The idea is to re-use an existing AI agent to evaluate the MCP Server. Currently, we are using Gemini CLI.
The framework consists of two components:
1. The Blockscout MCP Server docker image.
- Configured to run in the HTTP Streamable mode.
2. The sandbox image of the Gemini CLI agent.
- Configured to pick up the config from the local `.gemini` directory.
- The URL to the MCP Server is defined in the `mcpServers` section of the config.
- The common instructions of the agent are defined in the [`GEMINI-evals.md`](GEMINI-evals.md) file.
- Gemini CLI authorization is expected to be present in the `~/.gemini` directory.

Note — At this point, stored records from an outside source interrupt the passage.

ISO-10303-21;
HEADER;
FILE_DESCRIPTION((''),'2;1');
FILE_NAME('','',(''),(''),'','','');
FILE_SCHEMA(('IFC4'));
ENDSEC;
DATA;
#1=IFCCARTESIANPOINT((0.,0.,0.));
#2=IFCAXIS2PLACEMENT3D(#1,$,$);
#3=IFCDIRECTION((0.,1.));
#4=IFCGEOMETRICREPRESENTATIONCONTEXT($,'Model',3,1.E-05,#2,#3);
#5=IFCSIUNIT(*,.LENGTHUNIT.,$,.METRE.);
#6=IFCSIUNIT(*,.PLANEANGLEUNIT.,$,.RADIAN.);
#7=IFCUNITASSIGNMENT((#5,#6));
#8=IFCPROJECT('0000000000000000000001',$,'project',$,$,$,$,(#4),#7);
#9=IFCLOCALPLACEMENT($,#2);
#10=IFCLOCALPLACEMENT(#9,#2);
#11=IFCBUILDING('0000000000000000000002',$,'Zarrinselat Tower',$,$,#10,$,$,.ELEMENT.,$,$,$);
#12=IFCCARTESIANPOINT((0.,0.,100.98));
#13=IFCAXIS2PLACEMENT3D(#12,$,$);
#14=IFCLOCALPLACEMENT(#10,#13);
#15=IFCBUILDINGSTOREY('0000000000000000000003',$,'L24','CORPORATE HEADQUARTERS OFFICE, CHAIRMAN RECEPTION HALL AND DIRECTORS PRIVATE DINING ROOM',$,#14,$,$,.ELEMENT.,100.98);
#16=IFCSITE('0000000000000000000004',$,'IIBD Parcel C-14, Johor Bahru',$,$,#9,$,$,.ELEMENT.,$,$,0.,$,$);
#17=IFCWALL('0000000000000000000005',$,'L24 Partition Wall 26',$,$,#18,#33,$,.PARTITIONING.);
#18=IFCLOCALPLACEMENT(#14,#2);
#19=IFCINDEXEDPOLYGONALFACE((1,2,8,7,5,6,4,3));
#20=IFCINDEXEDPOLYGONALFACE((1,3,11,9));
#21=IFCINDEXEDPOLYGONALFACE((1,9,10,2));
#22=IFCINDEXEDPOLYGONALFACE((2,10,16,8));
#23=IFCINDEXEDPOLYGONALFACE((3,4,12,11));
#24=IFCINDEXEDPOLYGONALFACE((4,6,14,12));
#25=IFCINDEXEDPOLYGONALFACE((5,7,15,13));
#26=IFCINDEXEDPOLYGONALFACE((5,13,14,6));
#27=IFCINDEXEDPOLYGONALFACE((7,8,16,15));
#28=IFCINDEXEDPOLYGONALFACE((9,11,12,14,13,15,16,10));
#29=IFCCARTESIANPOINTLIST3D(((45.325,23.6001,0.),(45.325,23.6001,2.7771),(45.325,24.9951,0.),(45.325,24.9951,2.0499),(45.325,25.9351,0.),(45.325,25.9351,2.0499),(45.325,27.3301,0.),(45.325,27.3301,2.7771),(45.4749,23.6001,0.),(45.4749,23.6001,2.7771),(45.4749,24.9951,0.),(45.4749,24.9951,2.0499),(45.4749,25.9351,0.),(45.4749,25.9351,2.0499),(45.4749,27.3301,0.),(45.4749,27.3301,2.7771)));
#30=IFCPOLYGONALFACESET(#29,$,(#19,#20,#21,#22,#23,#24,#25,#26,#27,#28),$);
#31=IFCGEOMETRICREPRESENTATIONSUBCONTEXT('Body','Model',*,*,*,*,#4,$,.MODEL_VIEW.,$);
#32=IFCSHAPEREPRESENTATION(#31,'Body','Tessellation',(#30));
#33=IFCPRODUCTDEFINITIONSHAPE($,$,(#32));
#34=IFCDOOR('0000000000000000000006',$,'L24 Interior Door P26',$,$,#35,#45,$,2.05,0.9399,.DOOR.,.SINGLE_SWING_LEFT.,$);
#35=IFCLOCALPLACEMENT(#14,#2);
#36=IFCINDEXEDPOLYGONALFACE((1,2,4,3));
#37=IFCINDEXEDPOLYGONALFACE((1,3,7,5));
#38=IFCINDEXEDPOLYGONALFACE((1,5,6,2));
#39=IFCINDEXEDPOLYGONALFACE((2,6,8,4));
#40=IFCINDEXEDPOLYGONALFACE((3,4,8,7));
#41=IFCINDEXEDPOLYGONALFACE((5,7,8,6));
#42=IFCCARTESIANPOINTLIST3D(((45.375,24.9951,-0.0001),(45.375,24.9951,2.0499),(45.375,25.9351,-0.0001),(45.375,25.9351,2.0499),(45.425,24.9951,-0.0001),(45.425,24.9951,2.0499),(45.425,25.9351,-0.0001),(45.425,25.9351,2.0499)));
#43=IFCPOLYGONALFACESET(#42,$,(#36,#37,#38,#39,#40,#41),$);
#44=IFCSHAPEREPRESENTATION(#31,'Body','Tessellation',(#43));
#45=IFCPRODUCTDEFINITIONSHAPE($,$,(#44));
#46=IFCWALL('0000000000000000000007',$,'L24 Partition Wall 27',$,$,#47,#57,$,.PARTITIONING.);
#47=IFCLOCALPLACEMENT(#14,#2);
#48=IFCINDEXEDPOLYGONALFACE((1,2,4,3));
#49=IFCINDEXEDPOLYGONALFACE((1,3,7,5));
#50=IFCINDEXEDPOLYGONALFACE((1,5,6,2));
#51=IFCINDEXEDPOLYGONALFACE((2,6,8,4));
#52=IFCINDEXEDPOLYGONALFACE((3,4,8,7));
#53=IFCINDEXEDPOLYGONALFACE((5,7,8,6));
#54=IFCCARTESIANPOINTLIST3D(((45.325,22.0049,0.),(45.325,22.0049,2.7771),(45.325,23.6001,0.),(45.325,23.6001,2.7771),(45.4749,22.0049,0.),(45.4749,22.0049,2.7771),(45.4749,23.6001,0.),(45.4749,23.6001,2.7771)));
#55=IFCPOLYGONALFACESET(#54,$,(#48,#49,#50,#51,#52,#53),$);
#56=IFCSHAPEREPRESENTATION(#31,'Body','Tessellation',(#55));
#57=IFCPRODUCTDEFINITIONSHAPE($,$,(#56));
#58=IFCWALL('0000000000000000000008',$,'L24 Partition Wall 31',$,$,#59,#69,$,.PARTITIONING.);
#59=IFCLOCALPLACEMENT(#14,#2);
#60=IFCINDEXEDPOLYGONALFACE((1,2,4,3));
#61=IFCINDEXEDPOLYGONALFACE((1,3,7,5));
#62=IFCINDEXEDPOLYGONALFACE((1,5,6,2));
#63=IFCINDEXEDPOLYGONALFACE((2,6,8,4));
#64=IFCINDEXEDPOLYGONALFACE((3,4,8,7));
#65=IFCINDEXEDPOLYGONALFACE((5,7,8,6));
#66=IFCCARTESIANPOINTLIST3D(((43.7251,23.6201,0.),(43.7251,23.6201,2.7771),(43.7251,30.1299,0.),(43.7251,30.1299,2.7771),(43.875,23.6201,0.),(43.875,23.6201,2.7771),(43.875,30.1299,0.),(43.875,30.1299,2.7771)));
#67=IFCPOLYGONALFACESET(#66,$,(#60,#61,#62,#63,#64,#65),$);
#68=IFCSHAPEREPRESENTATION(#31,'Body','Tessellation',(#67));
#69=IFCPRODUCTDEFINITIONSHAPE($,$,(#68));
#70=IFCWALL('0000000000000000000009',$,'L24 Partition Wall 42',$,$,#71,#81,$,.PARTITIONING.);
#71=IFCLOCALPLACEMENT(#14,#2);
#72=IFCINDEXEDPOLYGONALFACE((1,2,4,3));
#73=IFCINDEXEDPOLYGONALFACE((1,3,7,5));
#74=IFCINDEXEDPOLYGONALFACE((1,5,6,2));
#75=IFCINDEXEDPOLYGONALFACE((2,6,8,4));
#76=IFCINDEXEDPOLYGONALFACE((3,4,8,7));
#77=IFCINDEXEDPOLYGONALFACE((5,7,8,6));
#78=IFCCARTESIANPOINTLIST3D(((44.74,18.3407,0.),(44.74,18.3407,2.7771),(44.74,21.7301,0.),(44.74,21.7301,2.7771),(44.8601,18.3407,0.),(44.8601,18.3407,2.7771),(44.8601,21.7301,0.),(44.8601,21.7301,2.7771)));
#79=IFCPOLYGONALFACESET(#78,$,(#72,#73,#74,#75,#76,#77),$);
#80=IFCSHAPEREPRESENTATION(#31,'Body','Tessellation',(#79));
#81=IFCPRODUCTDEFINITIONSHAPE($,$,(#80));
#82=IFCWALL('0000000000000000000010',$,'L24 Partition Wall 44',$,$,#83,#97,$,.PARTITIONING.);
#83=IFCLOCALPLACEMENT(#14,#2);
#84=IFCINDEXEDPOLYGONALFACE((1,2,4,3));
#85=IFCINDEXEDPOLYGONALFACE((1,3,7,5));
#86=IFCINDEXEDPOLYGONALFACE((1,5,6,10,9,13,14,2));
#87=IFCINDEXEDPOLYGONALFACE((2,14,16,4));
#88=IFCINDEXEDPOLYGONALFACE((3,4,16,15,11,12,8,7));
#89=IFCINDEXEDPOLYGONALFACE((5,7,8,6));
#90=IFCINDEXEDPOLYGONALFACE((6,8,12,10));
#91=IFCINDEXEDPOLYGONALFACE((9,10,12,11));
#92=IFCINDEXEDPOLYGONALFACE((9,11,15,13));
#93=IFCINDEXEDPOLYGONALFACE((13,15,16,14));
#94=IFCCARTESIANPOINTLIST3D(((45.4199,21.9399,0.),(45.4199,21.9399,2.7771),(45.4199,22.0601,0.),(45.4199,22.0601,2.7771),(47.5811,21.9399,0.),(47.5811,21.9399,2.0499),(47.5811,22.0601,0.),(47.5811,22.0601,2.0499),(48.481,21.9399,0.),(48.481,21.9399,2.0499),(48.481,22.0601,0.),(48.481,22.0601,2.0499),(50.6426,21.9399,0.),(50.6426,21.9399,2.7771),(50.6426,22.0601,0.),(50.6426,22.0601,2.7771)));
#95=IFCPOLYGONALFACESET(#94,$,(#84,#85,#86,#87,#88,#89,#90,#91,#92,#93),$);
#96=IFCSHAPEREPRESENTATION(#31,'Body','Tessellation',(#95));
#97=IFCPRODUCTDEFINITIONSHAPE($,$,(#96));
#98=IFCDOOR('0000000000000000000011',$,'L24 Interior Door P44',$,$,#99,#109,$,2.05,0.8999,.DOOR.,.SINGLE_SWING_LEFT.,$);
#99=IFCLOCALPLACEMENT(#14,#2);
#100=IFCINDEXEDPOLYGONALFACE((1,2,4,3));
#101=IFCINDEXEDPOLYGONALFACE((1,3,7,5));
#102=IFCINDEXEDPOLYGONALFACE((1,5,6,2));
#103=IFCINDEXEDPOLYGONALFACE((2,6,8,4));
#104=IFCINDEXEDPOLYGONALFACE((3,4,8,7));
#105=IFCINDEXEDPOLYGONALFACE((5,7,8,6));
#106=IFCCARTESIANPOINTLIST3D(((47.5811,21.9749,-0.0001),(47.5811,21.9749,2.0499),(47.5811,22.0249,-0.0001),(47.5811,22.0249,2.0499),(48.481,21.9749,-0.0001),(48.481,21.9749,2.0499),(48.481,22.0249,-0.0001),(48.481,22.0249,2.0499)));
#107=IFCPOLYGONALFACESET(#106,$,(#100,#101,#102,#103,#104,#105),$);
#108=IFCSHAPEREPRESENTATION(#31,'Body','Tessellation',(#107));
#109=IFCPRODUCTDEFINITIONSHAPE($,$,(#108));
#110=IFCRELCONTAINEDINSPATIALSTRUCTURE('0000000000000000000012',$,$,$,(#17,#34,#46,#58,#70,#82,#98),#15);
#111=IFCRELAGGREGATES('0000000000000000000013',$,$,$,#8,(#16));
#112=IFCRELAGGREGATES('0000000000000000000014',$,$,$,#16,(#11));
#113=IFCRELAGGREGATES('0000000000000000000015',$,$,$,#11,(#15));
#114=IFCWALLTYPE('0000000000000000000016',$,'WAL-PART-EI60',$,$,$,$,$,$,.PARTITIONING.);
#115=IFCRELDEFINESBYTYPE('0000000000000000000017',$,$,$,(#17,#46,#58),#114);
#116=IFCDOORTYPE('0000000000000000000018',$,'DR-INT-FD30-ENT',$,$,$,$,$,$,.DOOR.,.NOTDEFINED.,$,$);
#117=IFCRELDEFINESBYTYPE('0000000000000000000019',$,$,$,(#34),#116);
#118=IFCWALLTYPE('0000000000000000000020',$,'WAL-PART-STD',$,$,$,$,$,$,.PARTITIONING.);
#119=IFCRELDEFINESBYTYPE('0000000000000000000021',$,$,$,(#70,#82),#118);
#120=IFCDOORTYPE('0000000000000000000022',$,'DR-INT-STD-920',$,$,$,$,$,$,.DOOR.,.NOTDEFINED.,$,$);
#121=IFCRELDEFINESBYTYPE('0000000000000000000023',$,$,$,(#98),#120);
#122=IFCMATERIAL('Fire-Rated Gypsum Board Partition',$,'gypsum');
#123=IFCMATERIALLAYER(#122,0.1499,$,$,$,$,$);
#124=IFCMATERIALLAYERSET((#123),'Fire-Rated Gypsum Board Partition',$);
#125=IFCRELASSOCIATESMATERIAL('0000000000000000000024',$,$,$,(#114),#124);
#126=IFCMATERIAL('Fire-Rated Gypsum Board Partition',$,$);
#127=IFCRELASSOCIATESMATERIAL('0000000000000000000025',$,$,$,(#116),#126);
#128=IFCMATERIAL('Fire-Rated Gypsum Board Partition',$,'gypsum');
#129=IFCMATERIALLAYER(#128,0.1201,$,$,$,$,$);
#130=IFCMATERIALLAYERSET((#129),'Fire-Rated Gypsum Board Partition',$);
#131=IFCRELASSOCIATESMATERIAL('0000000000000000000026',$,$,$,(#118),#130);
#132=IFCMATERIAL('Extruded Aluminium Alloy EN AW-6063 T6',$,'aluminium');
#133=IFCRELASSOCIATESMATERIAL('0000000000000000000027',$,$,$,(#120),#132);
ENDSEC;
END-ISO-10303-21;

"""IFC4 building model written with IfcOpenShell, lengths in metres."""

from ifc_helpers import new_model, si_unit, direction, frame, frame_2d, origin, place, context, subcontext, project, spatial, rectangle, extrude, material, layer, layer_set, type_object, element, fill, save


model = new_model("IFC4")

# Units and contexts
model_context = context("Model", 3, precision=1e-05, world=origin(), true_north=direction((0.0, 1.0)))
body_context = subcontext(model_context, "Body", "Model", "MODEL_VIEW")
ifc_project = project(units=[si_unit("LENGTHUNIT", "METRE"), si_unit("PLANEANGLEUNIT", "RADIAN")], contexts=[model_context])

# Site, building, storey
site_placement = place(None, origin())
site = spatial("IfcSite", under=ifc_project, at=site_placement, Name="IIBD Parcel C-14, Johor Bahru", CompositionType="ELEMENT", RefElevation=0.0)
building_placement = place(site_placement, origin())
building = spatial("IfcBuilding", under=site, at=building_placement, Name="Zarrinselat Tower", CompositionType="ELEMENT")
storey_placement = place(building_placement, frame((0.0, 0.0, 100.98)))
storey = spatial("IfcBuildingStorey", under=building, at=storey_placement, Name="L24", Description="CORPORATE HEADQUARTERS OFFICE, CHAIRMAN RECEPTION HALL AND DIRECTORS PRIVATE DINING ROOM", CompositionType="ELEMENT", Elevation=100.98)

# Shared definitions
ifc_material_1 = material(Name="Fire-Rated Gypsum Board Partition", Category="gypsum")
ifc_layer_1 = layer(ifc_material_1, 0.1499)
ifc_layer_set_1 = layer_set([ifc_layer_1], Name="Fire-Rated Gypsum Board Partition")
wall_type_1 = type_object("IfcWallType", Name="WAL-PART-EI60", PredefinedType="PARTITIONING", material=ifc_layer_set_1)

# Wall, opening, door
wall_1_placement = place(storey_placement, frame((45.3999, 23.6001, 0.0), z_axis=(0.0, 0.0, 1.0), x_axis=(0.0, 1.0, 0.0)))
wall_1 = element("IfcWall", 1, at=wall_1_placement, inside=storey, type_object=wall_type_1, Name="L24 Partition Wall 26", PredefinedType="PARTITIONING", context=body_context, shape_type="SweptSolid", body=[
    extrude(rectangle(XDim=3.73, YDim=0.1499, at=frame_2d((1.865, 0.0))), origin(), (0.0, 0.0, 1.0), 2.7771),
])
opening_1_placement = place(wall_1_placement, frame((1.395, 0.0, 0.0)))
opening_1 = element("IfcOpeningElement", 2, at=opening_1_placement, cuts=wall_1, PredefinedType="OPENING", context=body_context, shape_type="SweptSolid", body=[
    extrude(rectangle(XDim=0.9399, YDim=2.05, at=frame_2d((0.47, 1.0249))), frame((0.0, 0.085, 0.0), z_axis=(0.0, -1.0, 0.0), x_axis=(1.0, 0.0, 0.0)), (0.0, 0.0, 1.0), 0.1699),
])
ifc_material_2 = material(Name="Fire-Rated Gypsum Board Partition")
door_type_1 = type_object("IfcDoorType", Name="DR-INT-FD30-ENT", OperationType="NOTDEFINED", PredefinedType="DOOR", material=ifc_material_2)
door_1_placement = place(opening_1_placement, origin())
door_1 = element("IfcDoor", 3, at=door_1_placement, inside=storey, type_object=door_type_1, Name="L24 Interior Door P26", OperationType="SINGLE_SWING_LEFT", OverallHeight=2.05, OverallWidth=0.9399, PredefinedType="DOOR", context=body_context, shape_type="SweptSolid", body=[
    extrude(rectangle(XDim=0.9399, YDim=2.05, at=frame_2d((0.47, 1.0249))), frame((0.0, 0.0249, 0.0), z_axis=(0.0, -1.0, 0.0), x_axis=(1.0, 0.0, 0.0)), (0.0, 0.0, 1.0), 0.05),
])
fill(opening_1, door_1)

- The model could be specified in `.gemini/.env` file or in the command line when running the agent.
## Run the tests
1. If it is necessary, build the docker image of the Blockscout MCP Server in the project root directory. Otherwise, the latest image from the Blockscout registry will be used.
```bash
docker rmi ghcr.io/blockscout/mcp-server:latest
docker build -t ghcr.io/blockscout/mcp-server .
```
2. Move to the `tests/evals` directory and run a test.
```bash
cd tests/evals
docker compose run --rm -i evaluation gemini -y -p 'Which 10 most recent logs were emitted by 0xFe89cc7aBB2C4183683ab71653C4cdc9B02D44b7 before "Nov 08 2024 04:21:35 AM (-06:00 UTC)"? on Ethereum Mainnet'
```
The MCP Server will be run automatically.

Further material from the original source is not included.